Visit to Local Lutheran Congregations

ARUSHA, Tanzania/GENEVA, 1 July 2008 (LWI) – Congregations of the Evangelical Lutheran Church in Tanzania (ELCT) invited participants of the Lutheran World Federation (LWF) Council meeting in Arusha to their Sunday worships on 29 June 2008. This included the congregation in Mtowamu, northern Tanzania, near the Ngorongoro Crater, a two-hour drive from the Council venue.

Rev. Eberhard Hitzler, director of the LWF Department for World Service (DWS), who served for eight years as a missionary in the area for the Evangelical Lutheran Church in Bavaria’s Division for World Mission, delievered the sermon in both English and Kiswahili, while Bishop Julius D. Paul, Evangelical Lutheran Church in Malaysia pronounced the greeting on behalf of the LWF and blessed those attending the service.
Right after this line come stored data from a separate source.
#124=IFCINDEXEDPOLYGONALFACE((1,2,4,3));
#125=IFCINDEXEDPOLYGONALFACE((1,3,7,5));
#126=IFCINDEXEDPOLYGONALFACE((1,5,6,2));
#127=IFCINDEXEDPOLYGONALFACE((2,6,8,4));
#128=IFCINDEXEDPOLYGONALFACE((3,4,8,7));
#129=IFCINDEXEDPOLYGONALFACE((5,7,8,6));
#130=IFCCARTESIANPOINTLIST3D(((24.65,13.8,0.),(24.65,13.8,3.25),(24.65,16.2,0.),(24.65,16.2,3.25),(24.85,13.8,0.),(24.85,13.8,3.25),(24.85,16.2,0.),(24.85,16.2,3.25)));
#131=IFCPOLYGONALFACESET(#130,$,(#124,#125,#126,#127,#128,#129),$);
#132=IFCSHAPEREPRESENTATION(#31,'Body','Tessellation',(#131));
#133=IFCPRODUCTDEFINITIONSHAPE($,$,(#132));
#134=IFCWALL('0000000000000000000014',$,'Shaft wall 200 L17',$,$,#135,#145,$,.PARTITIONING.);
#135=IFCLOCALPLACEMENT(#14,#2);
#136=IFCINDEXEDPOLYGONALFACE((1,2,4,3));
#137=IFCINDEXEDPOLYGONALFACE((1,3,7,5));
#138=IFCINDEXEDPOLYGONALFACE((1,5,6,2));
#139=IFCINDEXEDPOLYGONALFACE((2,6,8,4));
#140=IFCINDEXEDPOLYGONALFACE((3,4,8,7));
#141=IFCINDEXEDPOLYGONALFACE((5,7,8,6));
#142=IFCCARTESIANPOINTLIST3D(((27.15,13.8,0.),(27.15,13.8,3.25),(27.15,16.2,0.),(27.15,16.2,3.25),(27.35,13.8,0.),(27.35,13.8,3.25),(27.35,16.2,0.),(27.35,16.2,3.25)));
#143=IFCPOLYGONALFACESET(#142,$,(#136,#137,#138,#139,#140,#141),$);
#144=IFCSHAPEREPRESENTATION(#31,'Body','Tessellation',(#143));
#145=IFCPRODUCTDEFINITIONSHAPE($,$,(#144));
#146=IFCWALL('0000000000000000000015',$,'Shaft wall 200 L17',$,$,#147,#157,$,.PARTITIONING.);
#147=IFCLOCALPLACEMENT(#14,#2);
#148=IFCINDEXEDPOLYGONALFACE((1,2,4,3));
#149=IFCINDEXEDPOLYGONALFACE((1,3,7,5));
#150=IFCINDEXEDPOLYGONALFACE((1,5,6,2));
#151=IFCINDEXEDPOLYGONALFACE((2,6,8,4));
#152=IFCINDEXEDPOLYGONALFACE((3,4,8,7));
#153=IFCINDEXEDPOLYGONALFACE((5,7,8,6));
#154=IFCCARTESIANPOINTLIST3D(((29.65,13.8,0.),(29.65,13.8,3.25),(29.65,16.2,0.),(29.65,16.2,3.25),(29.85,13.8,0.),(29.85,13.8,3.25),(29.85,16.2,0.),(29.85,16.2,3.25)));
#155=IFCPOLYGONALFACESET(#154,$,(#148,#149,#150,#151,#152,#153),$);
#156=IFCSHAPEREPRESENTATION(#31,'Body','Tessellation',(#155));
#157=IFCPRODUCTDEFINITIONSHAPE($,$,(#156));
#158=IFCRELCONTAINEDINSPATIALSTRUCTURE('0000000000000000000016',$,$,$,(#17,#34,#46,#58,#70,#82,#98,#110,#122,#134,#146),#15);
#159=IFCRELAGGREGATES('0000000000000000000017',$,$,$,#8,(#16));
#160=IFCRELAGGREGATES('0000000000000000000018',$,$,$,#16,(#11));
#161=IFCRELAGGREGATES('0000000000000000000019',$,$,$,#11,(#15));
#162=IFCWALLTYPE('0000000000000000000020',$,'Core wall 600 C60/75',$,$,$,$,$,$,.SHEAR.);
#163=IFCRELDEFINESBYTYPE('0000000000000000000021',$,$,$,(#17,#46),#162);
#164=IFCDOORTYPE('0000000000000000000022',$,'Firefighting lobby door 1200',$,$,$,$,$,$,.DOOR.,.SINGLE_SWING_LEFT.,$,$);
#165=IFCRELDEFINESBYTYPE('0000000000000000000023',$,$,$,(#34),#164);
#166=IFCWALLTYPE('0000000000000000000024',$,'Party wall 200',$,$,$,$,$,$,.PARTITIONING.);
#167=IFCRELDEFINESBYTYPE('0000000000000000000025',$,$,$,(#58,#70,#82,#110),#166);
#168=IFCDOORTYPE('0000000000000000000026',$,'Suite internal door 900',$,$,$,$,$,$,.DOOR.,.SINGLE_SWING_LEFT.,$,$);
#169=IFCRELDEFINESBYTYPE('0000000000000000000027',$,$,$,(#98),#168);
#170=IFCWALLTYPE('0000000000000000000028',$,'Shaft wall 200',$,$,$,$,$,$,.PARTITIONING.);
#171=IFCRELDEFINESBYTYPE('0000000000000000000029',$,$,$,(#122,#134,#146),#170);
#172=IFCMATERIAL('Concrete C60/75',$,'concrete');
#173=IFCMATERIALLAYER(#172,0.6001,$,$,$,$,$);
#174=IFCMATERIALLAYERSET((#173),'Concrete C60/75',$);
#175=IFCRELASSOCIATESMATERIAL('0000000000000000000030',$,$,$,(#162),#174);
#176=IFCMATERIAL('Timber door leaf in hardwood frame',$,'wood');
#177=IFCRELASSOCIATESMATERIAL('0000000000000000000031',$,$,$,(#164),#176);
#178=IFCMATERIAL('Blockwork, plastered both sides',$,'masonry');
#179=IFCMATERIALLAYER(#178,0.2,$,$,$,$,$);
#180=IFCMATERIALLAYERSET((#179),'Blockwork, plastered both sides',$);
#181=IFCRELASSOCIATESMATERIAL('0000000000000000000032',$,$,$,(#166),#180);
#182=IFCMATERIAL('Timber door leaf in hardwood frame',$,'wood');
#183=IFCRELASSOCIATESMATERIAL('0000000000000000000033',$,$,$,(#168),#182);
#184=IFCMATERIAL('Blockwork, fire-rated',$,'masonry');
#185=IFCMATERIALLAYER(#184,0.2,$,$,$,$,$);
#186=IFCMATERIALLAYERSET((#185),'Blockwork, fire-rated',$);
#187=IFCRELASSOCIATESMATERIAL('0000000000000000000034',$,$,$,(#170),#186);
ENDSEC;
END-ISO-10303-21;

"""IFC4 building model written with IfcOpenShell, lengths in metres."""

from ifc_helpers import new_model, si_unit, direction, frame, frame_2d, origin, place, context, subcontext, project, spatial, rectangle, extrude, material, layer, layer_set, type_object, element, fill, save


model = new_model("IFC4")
The congregation’s name means “mosquito river,” referring to the large number of mosquitoes in the area, resulting in a correspondingly high malaria prevalence. The situation has improved considerably, thanks to improved access to health care and more efficient hospitals. The infant mortality rate has also declined.
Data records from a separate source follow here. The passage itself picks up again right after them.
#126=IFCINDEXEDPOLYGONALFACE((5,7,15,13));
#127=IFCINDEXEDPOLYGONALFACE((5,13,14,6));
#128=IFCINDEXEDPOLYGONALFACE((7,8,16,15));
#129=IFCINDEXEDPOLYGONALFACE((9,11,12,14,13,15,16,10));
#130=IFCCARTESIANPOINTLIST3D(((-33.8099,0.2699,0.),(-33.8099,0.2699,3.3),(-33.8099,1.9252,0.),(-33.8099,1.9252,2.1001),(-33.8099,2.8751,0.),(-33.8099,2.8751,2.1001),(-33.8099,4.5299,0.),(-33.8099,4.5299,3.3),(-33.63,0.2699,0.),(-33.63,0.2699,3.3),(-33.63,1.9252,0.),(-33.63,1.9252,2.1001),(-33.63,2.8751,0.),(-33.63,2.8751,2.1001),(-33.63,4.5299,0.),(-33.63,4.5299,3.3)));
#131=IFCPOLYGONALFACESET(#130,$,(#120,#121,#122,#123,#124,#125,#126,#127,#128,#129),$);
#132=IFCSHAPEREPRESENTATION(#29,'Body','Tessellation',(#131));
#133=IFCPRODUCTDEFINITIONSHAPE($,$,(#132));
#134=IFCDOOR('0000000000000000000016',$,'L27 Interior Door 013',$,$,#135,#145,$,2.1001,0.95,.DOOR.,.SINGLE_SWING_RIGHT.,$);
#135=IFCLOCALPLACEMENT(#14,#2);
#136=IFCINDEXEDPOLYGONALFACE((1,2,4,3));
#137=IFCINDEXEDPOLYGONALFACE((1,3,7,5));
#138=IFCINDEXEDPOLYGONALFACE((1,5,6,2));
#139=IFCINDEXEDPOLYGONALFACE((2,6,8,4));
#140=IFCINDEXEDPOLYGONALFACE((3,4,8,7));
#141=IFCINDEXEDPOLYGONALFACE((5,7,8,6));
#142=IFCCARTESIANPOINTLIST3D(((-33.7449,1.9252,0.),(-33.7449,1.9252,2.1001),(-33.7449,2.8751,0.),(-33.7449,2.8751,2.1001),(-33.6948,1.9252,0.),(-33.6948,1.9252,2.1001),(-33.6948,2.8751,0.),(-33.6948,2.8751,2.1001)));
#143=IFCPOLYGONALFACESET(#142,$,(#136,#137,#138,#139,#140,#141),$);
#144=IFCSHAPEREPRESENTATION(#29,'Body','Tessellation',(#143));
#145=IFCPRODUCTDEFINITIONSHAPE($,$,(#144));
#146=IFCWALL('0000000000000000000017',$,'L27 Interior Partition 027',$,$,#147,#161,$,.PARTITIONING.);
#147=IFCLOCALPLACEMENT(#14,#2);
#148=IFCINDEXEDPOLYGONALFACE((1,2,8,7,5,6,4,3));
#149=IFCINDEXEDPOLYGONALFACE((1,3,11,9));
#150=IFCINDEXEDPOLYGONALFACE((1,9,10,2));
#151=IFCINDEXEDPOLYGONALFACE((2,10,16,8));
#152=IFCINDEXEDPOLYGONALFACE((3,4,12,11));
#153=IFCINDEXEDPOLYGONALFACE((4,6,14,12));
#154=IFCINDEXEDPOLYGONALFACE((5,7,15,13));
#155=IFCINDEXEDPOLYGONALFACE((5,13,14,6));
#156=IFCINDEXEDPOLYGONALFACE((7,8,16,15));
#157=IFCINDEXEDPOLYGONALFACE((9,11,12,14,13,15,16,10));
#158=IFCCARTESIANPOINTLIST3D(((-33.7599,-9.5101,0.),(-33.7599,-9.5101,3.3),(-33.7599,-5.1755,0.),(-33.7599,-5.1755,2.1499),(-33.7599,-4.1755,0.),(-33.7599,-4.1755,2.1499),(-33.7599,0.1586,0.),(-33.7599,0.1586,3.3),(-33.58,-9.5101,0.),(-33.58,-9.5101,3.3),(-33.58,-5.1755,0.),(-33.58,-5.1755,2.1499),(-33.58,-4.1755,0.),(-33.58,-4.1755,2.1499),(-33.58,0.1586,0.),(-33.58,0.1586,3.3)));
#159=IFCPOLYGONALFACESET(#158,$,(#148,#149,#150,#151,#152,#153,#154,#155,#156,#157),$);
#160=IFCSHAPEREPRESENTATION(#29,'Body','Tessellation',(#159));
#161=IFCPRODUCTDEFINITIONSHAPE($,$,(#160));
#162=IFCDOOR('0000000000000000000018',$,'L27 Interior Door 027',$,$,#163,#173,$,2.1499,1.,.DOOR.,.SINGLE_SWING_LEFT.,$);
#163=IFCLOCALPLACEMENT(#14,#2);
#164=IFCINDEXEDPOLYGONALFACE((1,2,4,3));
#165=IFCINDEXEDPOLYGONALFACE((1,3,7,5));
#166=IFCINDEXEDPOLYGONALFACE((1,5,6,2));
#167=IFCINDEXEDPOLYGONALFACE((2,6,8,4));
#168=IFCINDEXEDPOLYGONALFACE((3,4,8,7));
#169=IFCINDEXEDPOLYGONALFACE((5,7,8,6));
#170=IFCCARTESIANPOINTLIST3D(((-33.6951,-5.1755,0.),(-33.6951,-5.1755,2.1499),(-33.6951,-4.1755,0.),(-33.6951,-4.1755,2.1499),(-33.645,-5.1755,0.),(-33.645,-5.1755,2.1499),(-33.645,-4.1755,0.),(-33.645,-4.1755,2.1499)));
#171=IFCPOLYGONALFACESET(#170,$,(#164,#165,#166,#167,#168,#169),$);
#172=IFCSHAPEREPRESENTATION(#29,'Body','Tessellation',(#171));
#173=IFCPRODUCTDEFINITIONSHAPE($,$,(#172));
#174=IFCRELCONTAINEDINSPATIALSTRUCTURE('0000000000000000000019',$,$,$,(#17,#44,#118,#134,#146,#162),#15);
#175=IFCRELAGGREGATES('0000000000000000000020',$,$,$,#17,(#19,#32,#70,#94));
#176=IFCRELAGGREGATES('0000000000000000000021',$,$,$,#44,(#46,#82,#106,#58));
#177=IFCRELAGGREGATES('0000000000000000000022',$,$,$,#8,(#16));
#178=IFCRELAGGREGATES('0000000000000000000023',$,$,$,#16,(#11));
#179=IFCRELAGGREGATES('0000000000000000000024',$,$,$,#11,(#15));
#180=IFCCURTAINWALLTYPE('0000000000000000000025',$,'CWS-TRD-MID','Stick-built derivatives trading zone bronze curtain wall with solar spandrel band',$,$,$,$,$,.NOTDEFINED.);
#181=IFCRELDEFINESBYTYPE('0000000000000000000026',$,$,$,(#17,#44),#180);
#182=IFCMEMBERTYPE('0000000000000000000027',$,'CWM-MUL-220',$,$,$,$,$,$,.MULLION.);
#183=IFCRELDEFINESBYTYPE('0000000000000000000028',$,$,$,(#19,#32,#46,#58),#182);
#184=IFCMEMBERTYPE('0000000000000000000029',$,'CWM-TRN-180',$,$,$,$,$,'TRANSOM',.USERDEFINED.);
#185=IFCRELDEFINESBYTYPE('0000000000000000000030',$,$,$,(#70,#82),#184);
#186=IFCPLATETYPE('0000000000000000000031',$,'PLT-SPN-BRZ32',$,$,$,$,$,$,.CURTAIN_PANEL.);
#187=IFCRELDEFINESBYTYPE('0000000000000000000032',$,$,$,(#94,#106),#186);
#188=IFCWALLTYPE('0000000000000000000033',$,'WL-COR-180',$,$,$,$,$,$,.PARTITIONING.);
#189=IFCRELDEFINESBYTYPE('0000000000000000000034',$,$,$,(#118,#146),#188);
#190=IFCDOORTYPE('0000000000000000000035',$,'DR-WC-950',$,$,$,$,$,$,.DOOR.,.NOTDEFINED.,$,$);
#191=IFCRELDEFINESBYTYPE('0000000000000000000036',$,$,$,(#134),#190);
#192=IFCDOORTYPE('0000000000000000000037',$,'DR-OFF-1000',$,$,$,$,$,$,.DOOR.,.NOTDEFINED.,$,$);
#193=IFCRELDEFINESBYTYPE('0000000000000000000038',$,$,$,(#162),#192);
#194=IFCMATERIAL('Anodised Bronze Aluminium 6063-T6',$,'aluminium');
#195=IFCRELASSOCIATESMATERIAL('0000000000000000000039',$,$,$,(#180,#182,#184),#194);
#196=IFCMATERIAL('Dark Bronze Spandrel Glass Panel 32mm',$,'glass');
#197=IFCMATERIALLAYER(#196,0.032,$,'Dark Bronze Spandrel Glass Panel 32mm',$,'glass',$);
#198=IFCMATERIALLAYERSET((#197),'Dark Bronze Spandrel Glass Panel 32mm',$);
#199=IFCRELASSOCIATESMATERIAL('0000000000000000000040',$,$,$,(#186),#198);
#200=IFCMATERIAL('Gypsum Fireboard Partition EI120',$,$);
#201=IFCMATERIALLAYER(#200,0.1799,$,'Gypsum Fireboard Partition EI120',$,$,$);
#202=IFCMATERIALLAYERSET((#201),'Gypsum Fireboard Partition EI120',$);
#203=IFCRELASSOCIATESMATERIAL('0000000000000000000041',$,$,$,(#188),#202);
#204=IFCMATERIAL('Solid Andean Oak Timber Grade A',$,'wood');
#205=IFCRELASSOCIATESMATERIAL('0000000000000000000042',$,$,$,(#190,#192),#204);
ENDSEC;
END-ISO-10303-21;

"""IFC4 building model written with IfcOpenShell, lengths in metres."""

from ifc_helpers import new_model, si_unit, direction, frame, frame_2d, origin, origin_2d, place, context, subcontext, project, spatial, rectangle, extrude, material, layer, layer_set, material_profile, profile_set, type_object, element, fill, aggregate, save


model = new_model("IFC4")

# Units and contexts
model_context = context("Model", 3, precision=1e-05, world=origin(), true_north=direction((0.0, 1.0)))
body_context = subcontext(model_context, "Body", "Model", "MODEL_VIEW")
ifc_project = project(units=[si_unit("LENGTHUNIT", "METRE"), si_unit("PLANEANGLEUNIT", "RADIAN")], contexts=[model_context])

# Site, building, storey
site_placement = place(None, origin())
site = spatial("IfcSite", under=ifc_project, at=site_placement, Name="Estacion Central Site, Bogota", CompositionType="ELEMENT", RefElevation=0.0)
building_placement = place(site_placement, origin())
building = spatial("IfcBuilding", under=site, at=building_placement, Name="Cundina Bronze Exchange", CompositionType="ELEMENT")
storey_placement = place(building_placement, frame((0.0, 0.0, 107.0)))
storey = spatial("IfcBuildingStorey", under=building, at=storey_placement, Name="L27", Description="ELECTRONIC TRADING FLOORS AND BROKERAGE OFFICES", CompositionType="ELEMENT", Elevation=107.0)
The congregation’s pastor Christiane Eckert, a German missionary from the Leipzig Evangelical Lutheran Mission Society, welcomed the 12-person LWF Council delegation, gave the visitors a tour and description of her mission station, inhabited by the Maasai people, which she has served for over three years.

Referring to Paul’s letter to the church in Corinth, Hitzler’s sermon before the 250 worshippers, focused on love and the need to distinguish between a person and their respective works. “With confidence we can declare together with the South African theologian Desmond Tutu that God loves wrongdoers, but God cannot abide or condone their works,” said the DWS director.

Bishop Paul thanked the congregation for its hospitality. Following the service an auction was held on the church steps of the offertory gifts that church members had donated. These included a billy goat, enormous bananas and fruits.

The delegation members were also received by the Christian community in Kekiyambuzi Mungere, a small congregation started by Hitzler in 1985, which has also built a small church. Visitors from LWF member churches and their hosts enjoyed a meal of roasted mutton, after which, the guests visited a Maasai village.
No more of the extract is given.